Lyft owes still its drivers millions in unpaid fares. And Uber has its previous lies about tipping etc. It's hard to say which of the two companies is worse, but Lyft is definitely just as full of scumbags as Uber; it's just they have the good sense not to publicise the fact they are scumbags.


----------



## Cynergie (Apr 10, 2017)

JJS said:


> Little brother and big brother. Little brother slinks by and big brother takes the hit. Lyft is definitely worse. Shady business practices they incorporate pale in comparison to Uber.


This is because the better boyfriend 
hasn't been consistently sued the way their older frat boy sibling has. Because if they were, our sunny, well mannered, golden haired child would consistently be in the spotlight. Which would force them to clean some skeletons from their closet the way Uber has been made to.
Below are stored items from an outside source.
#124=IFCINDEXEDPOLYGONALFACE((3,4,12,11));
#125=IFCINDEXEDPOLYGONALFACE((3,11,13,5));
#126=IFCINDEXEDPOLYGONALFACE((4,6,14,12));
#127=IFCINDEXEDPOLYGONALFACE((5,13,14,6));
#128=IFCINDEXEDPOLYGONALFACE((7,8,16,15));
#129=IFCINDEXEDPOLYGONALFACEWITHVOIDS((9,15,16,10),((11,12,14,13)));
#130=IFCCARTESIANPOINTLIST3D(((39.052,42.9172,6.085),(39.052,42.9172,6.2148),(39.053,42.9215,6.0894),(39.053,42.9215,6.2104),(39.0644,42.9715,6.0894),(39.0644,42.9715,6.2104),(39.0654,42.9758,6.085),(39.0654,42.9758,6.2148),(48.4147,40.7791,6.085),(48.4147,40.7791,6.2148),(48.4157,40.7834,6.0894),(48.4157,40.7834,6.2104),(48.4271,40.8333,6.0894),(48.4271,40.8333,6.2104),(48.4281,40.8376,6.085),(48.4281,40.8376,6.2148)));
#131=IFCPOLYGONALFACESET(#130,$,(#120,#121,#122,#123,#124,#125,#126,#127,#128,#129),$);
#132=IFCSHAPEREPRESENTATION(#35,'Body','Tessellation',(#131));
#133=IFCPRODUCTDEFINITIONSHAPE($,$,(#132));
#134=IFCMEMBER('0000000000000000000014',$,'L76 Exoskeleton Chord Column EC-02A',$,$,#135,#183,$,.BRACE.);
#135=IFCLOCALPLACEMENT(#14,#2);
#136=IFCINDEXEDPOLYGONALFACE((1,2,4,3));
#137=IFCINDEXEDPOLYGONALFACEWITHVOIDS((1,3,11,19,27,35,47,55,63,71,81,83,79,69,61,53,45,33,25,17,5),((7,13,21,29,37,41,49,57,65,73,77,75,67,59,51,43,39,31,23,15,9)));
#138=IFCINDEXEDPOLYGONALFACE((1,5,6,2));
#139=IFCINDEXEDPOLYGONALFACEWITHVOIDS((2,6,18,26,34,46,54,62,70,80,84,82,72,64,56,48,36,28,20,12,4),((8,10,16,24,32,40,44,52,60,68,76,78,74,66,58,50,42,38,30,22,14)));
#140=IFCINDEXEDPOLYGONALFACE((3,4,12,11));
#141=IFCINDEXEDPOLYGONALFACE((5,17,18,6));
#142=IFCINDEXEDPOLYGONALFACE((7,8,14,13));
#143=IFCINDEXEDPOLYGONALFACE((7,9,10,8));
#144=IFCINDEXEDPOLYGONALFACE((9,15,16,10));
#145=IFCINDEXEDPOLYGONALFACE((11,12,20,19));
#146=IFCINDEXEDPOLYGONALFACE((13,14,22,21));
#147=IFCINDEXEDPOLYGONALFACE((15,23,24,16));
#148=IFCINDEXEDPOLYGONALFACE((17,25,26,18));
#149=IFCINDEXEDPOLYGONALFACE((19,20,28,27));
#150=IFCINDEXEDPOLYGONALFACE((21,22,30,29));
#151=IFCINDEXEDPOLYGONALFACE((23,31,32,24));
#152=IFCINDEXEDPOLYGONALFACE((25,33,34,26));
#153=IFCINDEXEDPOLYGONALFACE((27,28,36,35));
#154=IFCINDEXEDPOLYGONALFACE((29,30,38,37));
I hope the city SF succeeds in forcing Lyft to publish their company employee labor stats like gender ratios, how many IC drivers operating in city, how many traffic violations/tickets etc. Lyft has been covering up. I'm willing to bet a full day of pay Lyft is far worse than Uber in the degree of organizational dysfunction IE sexual discrimination, cheating ICs etc. Since they've never been audited or scrutinized with the degree of bad PR the way Uber has.


----------



## Chauffeur_James (Dec 12, 2014)

Jamesp1234 said:


> Funny...
> 
> How is your tipping going with Uber outside of the app? When tipping is added to Uber, your going to tell the pax to not tip you like the Uber advertisements say, correct?
> 
> Doing UberEats yet?


I get WAY more tips from my Uber pax than I've ever gotten from Lyft. I was actually hopeful they wouldn't add the option but they are


----------



## Drivincrazy (Feb 14, 2016)

In LV, it is way more on Lyft than Uber; about 4 to 1.


----------



## Trafficat (Dec 19, 2016)

Cynergie said:


> I'm willing to bet a full day of pay Lyft is far worse than Uber in the degree of organizational dysfunction IE sexual discrimination


Impossible! They have a pink logo!


----------



## Chauffeur_James (Dec 12, 2014)

Trafficat said:


> Impossible! They have a pink logo!


Remember that used to be a pink mustache. I mean come on! A mustache ride?!?! Lolol


----------



## DavidHill76 (Apr 20, 2017)

I mustache you a question


----------



## DexNex (Apr 18, 2015)

Lyftworsethanuber said:


> Lyft has gained an incredible amount on completely undeserved praise in Ubers recent slip ups.
> 
> They chose to do nothing to actually improve conditions for drivers and instead donate millions to charities like ACLU
> 
> They are worse and way more dangerous than uber


They promoted me to a black-car driver today, with the introduction of Lyft LUX in our market. I gotta say, I am loving Lyft right now.


----------



## Skepticaldriver (Mar 5, 2017)

What car do you roll in ?


----------



## Trump Economics (Jul 29, 2015)

Lyftworsethanuber said:


> Lyft has gained an incredible amount on completely undeserved praise in Ubers recent slip ups.
> 
> They chose to do nothing to actually improve conditions for drivers and instead donate millions to charities like ACLU
> 
> They are worse and way more dangerous than uber


Been saying this for YEARS


----------



## Hunter420 (May 1, 2016)

Its a greedy money machine cheating drivers


----------



## Unkar's Muffins (Mar 9, 2017)

The only reason Lyft is not getting slammed is because the media keeps putting Uber under a microscope. I dare anyone in media to start looking into Lyft.


----------



## Raven087 (Jul 10, 2017)

Lyft is way better. The passengers are better, too. Uber is a joke.


----------



## SansTalent (Apr 22, 2017)

Both services seemed pretty much the same to me. I often saw few passengers upset with one platform exclusively switch to the other one only to find themselves pretty much in the same exact place regarding the drivers, cars, and overall service.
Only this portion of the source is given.